# tips on running jet in bays/flats



## gotmuddy (Feb 8, 2016)

I am putting a 50/35 evinrude jet on my boat tonight. Any tips/tricks I need to know about for this weekend? Will there be much grass this time of year?


----------



## TexasLoneStar56 (Feb 12, 2016)

Sorry, can't answer your question about grasses in AR, but I am interested in knowing how your jet runs. We are beginning to see a lot of jet outboards in East Texas. Mostly Mercury 60/40, both remote stick steer with a hot foot and tiller. Please do post how your Evinrude runs; water conditions; depth, speed, etc.....

Also, was it jet from the factory or did you modify to jet by changing the lower unit?

Thanks for your time. Looking forward to your report.

Respectfully~


----------



## turbotodd (Feb 17, 2016)

I wouldn't give a dime for a jet foot in anything but rocky bottom waters.


----------



## amk (Feb 17, 2016)

I will gladly pull some grass or other debris from my jet foot any day over shelling out 2k for a new lower unit. Turbotodd idles his jet in shallow water and sands it up don't be like him. I can not imagine down grading to a prop. but some of us like running shallower than others.


----------



## RiverBottomOutdoors (Feb 17, 2016)

I don't know about that one, Todd. ;-) Run mostly shallow, sandy rivers here with my OBJ.


----------



## Lil' Blue Rude (Feb 17, 2016)

I run shallow gravel and rock bottom river and the best advice I can give you is if your have trim when your off plane in shallow water keep your motor trimmed as far up as you can get it and keep water feeding the pump and barely give it and gas the more throttle you give it the more likely to suck it full. If it's less then knee deep I'll barely let the foot in the water while idling just be safe. Another thing is if I'm in shallow water like that I never put the motor in reverse because it will kick all kinds of sand and small gravel right up into the jet. I go as far as when the motor first starts in shallow water I immediately shift it out of neutral because the gates still in the way enough to kick sand and small gravel up just like when in reverse. I think that's where 90% of people do damage to their liners and impellers. Another thing is following another jet boat through shallow water they'll kick up rocks and if your not off to the side a little bit you'll pick up the gravel they're stirring up. I know it might all seem like over kill but I've run the same impeller for going on 3 years and I have not had to sharpen it and I knife edge my impellers when put them in and the liners still like new.


----------



## PSG-1 (Feb 18, 2016)

I run an inboard jet, and that's worse than an outboard jet, because I don't have the luxury of being able to tilt up in very shallow water, or to tilt it for cleaning if it jams (weedless/stomp grate helps with that)

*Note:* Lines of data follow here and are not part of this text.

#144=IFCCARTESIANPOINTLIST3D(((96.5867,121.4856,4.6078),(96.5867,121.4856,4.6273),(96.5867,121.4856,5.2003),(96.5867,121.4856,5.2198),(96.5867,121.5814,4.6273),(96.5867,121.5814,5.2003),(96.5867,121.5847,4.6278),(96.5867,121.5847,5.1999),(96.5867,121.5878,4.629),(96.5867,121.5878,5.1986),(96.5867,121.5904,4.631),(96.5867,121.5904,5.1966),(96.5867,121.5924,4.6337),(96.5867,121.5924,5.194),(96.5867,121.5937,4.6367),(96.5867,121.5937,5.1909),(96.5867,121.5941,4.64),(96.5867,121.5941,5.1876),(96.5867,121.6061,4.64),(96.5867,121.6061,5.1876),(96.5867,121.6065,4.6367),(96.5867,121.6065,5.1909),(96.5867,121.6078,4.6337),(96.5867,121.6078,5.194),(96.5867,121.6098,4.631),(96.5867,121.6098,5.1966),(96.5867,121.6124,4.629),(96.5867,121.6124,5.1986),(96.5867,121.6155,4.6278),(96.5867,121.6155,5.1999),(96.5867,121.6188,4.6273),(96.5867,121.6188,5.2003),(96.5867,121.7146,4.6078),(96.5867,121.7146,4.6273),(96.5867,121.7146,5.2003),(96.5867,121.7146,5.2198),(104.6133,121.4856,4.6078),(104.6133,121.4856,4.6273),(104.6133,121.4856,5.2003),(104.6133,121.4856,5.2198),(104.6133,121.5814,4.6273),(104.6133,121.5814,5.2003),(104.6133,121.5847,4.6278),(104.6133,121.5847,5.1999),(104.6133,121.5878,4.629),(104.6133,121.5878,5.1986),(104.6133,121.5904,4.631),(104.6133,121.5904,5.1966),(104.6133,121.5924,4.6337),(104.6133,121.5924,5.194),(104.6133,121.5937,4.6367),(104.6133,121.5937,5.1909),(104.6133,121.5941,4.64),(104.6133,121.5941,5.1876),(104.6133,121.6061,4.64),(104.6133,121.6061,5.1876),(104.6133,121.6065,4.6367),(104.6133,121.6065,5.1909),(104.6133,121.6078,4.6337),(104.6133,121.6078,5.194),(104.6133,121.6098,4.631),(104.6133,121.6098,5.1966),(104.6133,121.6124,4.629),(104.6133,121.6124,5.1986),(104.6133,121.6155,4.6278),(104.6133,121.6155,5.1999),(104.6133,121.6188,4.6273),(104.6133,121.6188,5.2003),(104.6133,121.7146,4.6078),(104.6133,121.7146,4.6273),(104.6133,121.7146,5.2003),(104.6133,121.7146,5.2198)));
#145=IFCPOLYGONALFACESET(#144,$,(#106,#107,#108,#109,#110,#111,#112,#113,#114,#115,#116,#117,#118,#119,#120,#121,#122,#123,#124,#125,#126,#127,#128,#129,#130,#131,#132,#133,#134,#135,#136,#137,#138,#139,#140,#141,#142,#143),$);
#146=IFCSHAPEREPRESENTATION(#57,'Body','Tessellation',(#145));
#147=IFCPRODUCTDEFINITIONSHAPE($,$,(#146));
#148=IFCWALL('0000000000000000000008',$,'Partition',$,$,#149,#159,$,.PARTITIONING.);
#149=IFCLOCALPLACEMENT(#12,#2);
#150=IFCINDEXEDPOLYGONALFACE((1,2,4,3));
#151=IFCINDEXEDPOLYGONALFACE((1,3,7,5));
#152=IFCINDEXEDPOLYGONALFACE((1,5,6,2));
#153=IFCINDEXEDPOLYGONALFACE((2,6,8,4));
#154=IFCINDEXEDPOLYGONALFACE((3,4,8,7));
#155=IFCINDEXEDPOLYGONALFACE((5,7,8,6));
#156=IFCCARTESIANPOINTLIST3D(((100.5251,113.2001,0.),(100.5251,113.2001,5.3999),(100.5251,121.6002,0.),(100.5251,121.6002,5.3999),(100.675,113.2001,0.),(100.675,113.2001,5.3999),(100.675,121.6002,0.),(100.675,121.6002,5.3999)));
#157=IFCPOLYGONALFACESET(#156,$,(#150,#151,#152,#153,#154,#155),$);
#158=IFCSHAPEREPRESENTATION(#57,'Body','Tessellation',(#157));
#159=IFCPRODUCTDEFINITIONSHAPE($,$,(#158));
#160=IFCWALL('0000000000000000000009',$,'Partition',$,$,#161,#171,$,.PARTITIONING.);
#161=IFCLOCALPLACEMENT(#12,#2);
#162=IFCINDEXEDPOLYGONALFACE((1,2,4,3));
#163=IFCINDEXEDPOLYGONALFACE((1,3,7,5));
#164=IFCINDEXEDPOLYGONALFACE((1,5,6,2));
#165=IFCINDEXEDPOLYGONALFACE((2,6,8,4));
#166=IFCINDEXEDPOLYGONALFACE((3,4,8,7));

If the water is shallower than 18-24" you really have to be careful about idling, keep it at a very slow idle, or you will pull up everything from the bottom. Once you start getting less than 18", the risk becomes even worse when idling. You can run across very shallow water on plane, but at idle, it's a different story.

Do not try to take off in anything shallower than 18-24" either, or it's likely you'll clog the pump with all kinds of debris. This means finding a small pool to take off from. As mentioned earlier by another member, DO NOT use reverse in shallow water with any kind of jet, that's a guaranteed clog in your cooling system.

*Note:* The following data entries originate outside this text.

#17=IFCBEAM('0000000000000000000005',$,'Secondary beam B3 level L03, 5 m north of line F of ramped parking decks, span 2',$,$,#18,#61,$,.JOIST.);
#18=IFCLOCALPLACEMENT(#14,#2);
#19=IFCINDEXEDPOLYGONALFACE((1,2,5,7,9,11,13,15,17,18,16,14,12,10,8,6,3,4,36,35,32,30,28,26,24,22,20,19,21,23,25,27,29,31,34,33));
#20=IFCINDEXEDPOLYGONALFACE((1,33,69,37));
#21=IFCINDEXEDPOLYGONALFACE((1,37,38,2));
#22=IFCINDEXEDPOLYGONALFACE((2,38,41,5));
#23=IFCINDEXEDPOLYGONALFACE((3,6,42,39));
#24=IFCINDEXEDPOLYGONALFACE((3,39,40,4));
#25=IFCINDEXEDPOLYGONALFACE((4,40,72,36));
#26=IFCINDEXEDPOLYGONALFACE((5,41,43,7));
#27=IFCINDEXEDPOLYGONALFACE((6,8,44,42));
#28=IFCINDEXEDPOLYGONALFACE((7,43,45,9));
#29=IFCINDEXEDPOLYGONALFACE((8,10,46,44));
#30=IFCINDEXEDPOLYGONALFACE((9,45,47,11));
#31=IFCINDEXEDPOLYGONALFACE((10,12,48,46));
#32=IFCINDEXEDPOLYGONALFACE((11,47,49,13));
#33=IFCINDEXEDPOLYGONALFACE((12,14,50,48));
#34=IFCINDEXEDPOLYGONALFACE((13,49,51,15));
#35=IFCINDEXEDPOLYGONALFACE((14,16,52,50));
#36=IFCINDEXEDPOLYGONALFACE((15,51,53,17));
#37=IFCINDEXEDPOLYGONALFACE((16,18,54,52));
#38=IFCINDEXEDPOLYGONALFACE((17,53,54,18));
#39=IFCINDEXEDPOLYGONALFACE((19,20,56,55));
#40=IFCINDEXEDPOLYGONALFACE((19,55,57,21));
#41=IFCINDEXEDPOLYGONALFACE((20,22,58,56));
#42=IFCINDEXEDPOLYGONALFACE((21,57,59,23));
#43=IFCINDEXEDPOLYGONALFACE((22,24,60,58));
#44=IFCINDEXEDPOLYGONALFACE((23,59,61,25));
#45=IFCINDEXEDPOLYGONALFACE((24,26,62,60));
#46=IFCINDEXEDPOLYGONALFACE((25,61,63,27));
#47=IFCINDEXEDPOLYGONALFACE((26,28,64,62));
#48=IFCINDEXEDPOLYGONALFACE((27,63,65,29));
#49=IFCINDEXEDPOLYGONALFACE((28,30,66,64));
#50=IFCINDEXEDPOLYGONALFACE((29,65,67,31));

As for areas where there are sea grasses on sand bottom, I can't really say how a jet performs, as we don't have that kind of bottom here, it's just sand, mud, and oyster shells.


----------



## RiverBottomOutdoors (Feb 18, 2016)

Rude gave some great advice. 

I keep a length of weedeater string on the boat to clear cooling lines and it works like a champ. Jet owners learn to check for peeing religiously. Pretty much every time I stop, I check for pee. Every time I plane off...I check for pee. When I'm running I check for pee. Probably check for peeing 100 times on a trip...no joke.

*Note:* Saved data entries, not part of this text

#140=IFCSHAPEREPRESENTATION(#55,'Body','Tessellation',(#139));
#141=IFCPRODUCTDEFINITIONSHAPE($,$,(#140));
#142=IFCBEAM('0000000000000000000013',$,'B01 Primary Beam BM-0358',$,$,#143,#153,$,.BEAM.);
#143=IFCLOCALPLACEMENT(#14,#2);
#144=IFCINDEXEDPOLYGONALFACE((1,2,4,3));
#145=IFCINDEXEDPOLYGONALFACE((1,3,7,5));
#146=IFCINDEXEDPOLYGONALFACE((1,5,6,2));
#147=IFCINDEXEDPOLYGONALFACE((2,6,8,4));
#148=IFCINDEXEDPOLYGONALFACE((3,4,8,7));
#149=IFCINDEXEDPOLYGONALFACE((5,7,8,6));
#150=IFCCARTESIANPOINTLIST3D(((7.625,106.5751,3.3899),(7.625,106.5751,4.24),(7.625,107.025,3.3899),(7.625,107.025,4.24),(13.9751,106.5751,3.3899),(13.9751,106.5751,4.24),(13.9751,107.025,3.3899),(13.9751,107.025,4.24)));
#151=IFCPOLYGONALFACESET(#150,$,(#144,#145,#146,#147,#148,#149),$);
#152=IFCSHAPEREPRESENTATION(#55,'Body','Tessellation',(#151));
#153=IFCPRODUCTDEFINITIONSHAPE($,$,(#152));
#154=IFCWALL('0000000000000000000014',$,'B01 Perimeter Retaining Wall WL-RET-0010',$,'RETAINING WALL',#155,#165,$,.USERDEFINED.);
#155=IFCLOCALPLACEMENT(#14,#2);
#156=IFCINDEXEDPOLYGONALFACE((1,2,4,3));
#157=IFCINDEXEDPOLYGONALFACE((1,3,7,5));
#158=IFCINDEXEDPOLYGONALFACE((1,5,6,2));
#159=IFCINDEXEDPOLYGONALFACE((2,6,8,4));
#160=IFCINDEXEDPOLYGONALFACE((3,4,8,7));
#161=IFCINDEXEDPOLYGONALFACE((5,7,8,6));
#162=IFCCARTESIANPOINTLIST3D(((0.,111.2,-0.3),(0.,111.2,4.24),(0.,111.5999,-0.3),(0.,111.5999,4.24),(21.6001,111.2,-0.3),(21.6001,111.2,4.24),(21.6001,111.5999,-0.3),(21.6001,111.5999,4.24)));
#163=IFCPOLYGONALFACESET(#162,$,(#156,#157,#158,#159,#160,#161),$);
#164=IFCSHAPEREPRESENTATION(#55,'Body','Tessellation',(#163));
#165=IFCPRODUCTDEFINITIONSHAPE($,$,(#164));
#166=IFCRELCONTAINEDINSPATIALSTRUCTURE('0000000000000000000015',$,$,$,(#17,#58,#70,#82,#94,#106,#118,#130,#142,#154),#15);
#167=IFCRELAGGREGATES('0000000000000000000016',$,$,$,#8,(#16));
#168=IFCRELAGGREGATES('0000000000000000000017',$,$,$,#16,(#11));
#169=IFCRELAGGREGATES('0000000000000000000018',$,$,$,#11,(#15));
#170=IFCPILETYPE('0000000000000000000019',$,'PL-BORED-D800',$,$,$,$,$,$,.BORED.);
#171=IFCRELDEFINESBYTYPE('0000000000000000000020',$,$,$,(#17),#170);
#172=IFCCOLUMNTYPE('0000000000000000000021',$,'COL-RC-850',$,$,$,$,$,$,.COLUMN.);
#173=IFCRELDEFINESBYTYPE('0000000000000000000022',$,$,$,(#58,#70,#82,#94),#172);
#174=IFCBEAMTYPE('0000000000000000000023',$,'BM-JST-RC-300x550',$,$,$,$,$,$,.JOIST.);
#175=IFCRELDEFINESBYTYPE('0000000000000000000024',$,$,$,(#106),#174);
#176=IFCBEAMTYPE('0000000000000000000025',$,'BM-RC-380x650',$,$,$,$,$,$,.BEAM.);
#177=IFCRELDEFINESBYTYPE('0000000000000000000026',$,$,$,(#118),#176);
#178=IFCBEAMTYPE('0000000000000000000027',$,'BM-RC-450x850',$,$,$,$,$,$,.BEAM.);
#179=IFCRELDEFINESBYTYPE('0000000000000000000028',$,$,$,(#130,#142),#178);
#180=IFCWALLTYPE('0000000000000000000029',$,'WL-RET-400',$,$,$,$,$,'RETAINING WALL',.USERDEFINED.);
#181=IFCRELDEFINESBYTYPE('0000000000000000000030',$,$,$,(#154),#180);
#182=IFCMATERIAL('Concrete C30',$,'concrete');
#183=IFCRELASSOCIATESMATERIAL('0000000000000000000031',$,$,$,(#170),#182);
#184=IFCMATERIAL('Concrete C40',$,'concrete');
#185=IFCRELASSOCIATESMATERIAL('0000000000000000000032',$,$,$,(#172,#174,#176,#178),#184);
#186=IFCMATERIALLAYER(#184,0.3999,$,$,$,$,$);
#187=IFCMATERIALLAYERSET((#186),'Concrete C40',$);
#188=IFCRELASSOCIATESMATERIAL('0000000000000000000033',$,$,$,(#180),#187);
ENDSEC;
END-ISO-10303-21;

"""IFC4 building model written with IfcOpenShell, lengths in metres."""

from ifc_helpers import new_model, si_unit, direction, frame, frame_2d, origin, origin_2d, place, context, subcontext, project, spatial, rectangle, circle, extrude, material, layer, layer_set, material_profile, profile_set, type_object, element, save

I keep a southern queen hoe handle in my boat that I use for noodling/walking. It doubles as a push pole so that I don't have to use reverse in shallow water.


----------



## gotmuddy (Feb 21, 2016)

We got back home Tuesday night. Overall I was extremely impressed with the jet and would recommend it to anyone. We only got grass in the grates once but as soon as I killed the engine it fell out. We confidently ran WAY back into the back bays and lakes. Only experienced locals dared to back there. The first day we took the wrong line and sat the boat down on a reef but we had it free in about five minutes.

There's a lot to be said about cruising in a foot of water without a care in the world. We easily took off in 16" of water, the bait pods on the back of the boat helped with that I believe. The only issue I have is the horrendous mileage but part of that is from the liner/impeller being worn out. I need to find somewhere to buy new ones.


----------



## amk (Feb 21, 2016)

Jets are King I've ran outboard, airboat, surface drive mud motors im surprised we don't see more on the coast.


----------



## gotmuddy (Feb 21, 2016)

amk said:


> Jets are King I've ran outboard, airboat, surface drive mud motors im surprised we don't see more on the coast.




most people think they are voodoo, probably they arent much going to run much shallower than a properly set up tunnel/prop setup on the coast and be much slower. I am going to leave a boat down where I fish in the winter next winter and I havent decided if I want to run a jet or get a tunnel boat.


----------